Table \(\PageIndex{7}\): Sample Data Five Years After the Census Year
Ethnicity	Assumed Distribution	Observed Frequency
White	\(0.743\)	\(1732\)
Black	\(0.216\)	\(538\)
American-Indian	\(0.012\)	\(32\)
Hispanic	\(0.012\)	\(42\)
Asian	\(0.008\)	\(133\)
Others	\(0.009\)	\(23\)

Solution

We test using the critical value approach.

Step 1. The hypotheses of interest in this case can be expressed as \[H_0: \text{The distribution of ethnic groups has not changed}\\ vs.\\ H_a: \text{The distribution of ethnic groups has changed} \nonumber \]
Step 2. The distribution is chi-square.
Step 3. To compute the value of the test statistic we must first compute the expected number for each row of Table \(\PageIndex{7}\). Since \(n=2500\), using the formula \(E_i=n\times p_i\) and the values of \(p_i\) from either Table \(\PageIndex{6}\) or Table \(\PageIndex{7}\), \[E_1=2500×0.743=1857.5\\ E_2=2500×0.216=540\\ E_3=2500×0.012=30\\ E_4=2500×0.012=30\\ E_5=2500×0.008=20\\ E_6=2500×0.009=22.5 \nonumber \]

Table \(\PageIndex{7}\) is updated to Table \(\PageIndex{8}\).

Table \(\PageIndex{8}\): Observed and Expected Frequencies Five Years After the Census Year
Ethnicity	Assumed Dist.	Observed Freq.	Expected Freq.
White	\(0.743\)	\(1732\)	\(1857.5\)
Black	\(0.216\)	\(538\)	\(540\)
American-Indian	\(0.012\)	\(32\)	\(30\)
Hispanic	\(0.012\)	\(42\)	\(30\)
Asian	\(0.008\)	\(133\)	\(20\)
Others	\(0.009\)	\(23\)	\(22.5\)

The value of the test statistic is

\[\begin{align*} \chi ^2 &= \sum \frac{(O-E)^2}{E}\\ &= \frac{(1732-1857.5)^2}{1857.5}+\frac{(538-540)^2}{540}+\frac{(32-30)^2}{30}+\frac{(42-30)^2}{30}+\frac{(133-20)^2}{20}+\frac{(23-22.5)^2}{22.5}\\ &= 651.881 \end{align*} \nonumber \]

Since the random variable takes six values, \(I=6\). Thus the test statistic follows the chi-square distribution with \(df=6-1=5\) degrees of freedom.

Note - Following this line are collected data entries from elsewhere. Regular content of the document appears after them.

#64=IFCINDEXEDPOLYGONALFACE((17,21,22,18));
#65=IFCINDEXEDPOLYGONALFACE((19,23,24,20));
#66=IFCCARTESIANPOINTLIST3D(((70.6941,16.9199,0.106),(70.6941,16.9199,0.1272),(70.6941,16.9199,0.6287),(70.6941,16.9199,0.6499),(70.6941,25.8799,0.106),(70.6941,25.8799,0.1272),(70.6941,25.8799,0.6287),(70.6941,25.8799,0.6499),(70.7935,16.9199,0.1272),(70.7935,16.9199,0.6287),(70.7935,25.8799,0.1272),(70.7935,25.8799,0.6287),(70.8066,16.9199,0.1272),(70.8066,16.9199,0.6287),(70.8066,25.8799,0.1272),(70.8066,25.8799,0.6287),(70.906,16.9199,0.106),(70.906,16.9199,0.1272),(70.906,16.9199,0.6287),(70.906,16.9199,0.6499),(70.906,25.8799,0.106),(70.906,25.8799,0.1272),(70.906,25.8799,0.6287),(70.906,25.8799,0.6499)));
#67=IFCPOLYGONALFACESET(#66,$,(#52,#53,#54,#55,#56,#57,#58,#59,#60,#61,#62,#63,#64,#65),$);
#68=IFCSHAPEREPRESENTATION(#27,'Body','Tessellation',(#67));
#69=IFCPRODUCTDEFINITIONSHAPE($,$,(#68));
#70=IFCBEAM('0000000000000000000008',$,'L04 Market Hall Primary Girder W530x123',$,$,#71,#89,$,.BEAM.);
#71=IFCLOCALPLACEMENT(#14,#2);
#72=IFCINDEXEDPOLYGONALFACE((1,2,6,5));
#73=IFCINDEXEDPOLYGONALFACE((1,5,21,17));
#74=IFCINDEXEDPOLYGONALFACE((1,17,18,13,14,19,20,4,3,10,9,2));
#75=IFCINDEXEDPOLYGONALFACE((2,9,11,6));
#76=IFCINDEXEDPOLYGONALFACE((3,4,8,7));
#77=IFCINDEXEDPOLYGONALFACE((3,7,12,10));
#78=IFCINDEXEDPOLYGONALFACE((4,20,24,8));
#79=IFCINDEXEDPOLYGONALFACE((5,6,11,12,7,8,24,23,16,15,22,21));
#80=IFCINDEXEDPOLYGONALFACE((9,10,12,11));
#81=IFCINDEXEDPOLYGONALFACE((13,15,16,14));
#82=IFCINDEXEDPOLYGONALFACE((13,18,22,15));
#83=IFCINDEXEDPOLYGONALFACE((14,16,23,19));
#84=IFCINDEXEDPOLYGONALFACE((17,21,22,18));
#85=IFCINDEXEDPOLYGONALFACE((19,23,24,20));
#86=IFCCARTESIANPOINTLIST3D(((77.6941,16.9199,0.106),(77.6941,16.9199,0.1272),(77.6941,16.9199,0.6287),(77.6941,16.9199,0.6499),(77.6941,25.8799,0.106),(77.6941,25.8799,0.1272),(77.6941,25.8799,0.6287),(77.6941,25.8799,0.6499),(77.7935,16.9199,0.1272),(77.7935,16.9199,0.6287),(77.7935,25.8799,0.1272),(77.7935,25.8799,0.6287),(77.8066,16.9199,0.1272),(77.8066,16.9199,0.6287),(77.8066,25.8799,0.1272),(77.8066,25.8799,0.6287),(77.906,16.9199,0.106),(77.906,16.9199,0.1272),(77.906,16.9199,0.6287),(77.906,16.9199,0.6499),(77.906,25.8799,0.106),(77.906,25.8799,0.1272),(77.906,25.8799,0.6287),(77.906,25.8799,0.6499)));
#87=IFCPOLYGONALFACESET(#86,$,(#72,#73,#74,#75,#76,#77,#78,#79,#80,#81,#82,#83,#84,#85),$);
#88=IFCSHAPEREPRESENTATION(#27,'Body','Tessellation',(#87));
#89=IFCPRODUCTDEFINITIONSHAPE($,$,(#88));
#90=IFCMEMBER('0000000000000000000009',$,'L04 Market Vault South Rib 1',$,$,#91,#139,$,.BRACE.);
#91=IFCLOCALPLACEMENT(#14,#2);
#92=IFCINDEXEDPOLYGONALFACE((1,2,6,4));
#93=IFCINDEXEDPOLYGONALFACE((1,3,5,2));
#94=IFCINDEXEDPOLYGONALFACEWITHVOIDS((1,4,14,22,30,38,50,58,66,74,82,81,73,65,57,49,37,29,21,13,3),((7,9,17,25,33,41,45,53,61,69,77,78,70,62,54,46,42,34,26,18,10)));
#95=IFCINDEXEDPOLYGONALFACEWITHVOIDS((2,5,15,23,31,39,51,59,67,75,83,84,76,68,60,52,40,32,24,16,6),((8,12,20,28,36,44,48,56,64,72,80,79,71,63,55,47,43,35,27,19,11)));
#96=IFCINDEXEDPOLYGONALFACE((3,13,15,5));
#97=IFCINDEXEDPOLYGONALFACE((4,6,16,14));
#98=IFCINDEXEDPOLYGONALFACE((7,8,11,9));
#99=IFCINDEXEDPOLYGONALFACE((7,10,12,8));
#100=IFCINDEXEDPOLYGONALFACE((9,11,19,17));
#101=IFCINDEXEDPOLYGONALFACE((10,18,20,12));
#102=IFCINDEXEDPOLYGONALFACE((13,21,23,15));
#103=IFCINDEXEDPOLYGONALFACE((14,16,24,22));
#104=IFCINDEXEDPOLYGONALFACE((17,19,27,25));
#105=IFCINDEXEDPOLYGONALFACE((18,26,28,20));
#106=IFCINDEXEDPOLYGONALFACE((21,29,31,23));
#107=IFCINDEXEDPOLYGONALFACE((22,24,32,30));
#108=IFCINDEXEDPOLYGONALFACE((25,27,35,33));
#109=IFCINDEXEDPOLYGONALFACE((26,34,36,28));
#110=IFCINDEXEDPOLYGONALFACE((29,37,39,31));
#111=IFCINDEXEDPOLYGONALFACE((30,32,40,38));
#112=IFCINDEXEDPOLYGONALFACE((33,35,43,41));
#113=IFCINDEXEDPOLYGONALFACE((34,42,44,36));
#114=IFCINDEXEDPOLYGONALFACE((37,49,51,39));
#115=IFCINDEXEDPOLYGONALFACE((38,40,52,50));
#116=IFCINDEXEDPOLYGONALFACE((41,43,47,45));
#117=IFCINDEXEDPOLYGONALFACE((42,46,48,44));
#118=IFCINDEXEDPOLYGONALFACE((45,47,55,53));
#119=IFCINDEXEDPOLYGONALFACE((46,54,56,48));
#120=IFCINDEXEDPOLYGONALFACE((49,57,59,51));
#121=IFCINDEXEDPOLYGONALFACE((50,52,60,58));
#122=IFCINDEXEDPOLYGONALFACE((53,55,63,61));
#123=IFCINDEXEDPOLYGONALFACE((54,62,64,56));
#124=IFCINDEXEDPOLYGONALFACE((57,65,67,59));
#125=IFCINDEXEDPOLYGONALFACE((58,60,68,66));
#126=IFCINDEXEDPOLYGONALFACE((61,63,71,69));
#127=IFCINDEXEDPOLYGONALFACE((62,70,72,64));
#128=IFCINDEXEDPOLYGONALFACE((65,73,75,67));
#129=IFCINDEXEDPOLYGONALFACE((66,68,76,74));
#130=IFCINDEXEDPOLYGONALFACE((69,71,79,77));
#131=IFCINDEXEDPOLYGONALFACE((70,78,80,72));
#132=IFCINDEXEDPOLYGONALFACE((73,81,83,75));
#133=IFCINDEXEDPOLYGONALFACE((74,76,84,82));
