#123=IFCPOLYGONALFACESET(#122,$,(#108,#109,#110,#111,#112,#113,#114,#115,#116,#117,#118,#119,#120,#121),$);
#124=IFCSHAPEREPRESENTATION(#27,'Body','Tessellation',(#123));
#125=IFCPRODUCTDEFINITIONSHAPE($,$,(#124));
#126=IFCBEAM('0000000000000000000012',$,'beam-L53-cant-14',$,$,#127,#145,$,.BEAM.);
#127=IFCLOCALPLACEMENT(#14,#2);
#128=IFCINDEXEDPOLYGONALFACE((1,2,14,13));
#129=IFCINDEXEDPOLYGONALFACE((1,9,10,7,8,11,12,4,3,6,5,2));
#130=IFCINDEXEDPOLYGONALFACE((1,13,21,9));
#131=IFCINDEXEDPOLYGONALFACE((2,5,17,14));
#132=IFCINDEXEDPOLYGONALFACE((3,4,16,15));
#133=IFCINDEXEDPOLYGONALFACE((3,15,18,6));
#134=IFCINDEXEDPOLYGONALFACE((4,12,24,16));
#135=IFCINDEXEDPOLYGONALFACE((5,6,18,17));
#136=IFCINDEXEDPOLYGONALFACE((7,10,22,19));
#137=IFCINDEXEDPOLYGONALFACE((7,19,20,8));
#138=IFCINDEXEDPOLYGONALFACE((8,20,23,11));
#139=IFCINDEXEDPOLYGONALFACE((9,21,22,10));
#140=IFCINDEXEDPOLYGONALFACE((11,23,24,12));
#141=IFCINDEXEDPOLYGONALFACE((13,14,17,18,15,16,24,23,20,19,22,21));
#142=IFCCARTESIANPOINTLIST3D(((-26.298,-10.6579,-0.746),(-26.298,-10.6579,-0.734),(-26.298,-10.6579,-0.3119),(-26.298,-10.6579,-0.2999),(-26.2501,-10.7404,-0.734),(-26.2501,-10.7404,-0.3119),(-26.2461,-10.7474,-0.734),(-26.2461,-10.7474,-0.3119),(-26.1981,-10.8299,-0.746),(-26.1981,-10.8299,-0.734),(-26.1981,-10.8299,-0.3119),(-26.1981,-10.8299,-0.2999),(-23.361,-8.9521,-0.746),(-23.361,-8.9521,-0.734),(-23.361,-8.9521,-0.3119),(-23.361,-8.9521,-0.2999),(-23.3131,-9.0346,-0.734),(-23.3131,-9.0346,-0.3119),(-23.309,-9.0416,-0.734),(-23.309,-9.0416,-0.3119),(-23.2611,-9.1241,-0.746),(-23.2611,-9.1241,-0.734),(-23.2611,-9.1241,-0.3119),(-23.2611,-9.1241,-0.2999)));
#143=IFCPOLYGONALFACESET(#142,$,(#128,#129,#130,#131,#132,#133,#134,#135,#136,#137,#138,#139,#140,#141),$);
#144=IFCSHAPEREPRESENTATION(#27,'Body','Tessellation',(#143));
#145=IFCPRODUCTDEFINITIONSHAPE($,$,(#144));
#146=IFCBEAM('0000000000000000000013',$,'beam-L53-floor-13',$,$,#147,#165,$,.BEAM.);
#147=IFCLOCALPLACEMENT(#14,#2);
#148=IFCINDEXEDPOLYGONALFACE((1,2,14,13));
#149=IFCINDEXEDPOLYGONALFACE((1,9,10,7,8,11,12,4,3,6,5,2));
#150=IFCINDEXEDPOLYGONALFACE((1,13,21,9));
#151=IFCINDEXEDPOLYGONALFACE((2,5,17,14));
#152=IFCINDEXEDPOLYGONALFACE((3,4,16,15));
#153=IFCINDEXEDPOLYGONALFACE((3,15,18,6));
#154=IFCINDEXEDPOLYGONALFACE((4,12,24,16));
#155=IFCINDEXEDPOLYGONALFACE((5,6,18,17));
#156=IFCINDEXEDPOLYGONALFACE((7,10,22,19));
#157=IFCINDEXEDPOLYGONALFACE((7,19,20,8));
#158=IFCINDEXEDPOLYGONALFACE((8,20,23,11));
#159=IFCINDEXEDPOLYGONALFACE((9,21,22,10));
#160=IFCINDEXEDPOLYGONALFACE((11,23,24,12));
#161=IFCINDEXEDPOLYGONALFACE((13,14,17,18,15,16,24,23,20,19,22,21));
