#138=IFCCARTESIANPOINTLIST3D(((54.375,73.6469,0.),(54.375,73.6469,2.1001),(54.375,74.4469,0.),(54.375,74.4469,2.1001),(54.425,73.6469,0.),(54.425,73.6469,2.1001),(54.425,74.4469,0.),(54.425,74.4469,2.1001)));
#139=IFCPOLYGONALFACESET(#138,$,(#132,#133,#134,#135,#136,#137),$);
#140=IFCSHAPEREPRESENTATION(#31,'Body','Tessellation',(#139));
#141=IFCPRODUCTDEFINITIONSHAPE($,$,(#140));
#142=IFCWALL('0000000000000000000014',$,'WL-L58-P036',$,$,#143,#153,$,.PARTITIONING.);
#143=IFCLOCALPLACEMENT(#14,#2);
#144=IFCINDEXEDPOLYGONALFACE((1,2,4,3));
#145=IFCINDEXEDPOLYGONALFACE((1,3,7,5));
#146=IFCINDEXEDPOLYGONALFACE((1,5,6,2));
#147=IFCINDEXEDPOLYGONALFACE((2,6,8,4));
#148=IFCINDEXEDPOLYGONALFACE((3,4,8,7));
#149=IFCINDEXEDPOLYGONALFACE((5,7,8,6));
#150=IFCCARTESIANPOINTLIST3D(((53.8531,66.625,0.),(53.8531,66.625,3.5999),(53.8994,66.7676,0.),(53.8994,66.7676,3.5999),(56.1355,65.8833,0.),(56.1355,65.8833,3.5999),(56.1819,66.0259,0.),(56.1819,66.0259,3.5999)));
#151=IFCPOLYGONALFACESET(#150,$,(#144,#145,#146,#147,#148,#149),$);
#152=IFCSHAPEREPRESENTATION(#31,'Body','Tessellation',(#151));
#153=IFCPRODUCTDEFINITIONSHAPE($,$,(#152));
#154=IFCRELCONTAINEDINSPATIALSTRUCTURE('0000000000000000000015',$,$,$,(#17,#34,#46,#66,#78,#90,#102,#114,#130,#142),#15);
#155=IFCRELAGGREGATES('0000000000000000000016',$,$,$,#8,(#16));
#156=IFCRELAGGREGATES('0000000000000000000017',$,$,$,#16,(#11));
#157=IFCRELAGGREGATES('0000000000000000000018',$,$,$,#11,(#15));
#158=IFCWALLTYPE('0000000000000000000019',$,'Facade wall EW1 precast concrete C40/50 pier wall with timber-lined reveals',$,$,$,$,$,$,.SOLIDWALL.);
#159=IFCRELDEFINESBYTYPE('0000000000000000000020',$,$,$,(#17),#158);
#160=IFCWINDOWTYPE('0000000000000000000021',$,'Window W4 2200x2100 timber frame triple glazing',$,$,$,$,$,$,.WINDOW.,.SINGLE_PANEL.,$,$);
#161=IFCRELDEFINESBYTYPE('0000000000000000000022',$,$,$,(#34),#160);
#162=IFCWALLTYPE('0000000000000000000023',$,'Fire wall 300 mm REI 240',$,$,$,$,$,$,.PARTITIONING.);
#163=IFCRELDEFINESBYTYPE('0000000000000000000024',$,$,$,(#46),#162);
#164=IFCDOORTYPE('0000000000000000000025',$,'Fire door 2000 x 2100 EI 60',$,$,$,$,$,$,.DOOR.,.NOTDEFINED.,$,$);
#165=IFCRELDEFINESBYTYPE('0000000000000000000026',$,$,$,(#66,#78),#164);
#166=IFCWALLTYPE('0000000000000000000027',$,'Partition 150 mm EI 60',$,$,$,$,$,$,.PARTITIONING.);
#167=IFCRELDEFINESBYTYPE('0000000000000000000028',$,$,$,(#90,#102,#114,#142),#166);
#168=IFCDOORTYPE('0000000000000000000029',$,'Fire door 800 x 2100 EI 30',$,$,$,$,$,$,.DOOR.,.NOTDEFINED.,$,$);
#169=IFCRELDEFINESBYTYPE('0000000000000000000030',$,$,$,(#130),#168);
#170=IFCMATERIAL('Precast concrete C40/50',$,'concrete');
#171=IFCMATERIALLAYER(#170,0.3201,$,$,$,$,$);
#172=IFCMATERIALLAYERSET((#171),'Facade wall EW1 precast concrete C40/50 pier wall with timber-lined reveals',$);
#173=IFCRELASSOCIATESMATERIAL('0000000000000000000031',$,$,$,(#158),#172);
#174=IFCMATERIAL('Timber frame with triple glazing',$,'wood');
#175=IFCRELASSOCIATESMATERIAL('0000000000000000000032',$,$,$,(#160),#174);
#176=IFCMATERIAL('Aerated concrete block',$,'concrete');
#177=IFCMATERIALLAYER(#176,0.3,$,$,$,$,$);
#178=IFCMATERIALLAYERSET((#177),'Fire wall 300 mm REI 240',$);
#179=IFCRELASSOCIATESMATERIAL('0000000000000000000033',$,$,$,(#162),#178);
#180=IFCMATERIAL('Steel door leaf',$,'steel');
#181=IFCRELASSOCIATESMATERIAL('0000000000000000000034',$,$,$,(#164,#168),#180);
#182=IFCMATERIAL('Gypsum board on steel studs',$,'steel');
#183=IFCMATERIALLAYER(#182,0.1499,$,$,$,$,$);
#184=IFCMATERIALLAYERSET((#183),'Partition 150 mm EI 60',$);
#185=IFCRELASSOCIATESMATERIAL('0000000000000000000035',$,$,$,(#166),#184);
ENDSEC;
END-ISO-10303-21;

Since the test is right-tailed, the critical value is \(\chi _{0.01}^{2}\). Reading from Figure 7.1.6, \(\chi _{0.01}^{2}=15.086\), so the rejection region is \([15.086,\infty )\).

Since \(651.881>15.086\) the decision is to reject the null hypothesis. See Figure \(\PageIndex{2}\). The data provide sufficient evidence, at the \(1\%\) level of significance, to conclude that the ethnic distribution in this state has changed in the five years since the U.S. census.

alt — Figure \(\PageIndex{2}\): "Example \(\PageIndex{1}\)"

Key Takeaway

The chi-square goodness-of-fit test can be used to evaluate the hypothesis that a sample is taken from a population with an assumed specific probability distribution.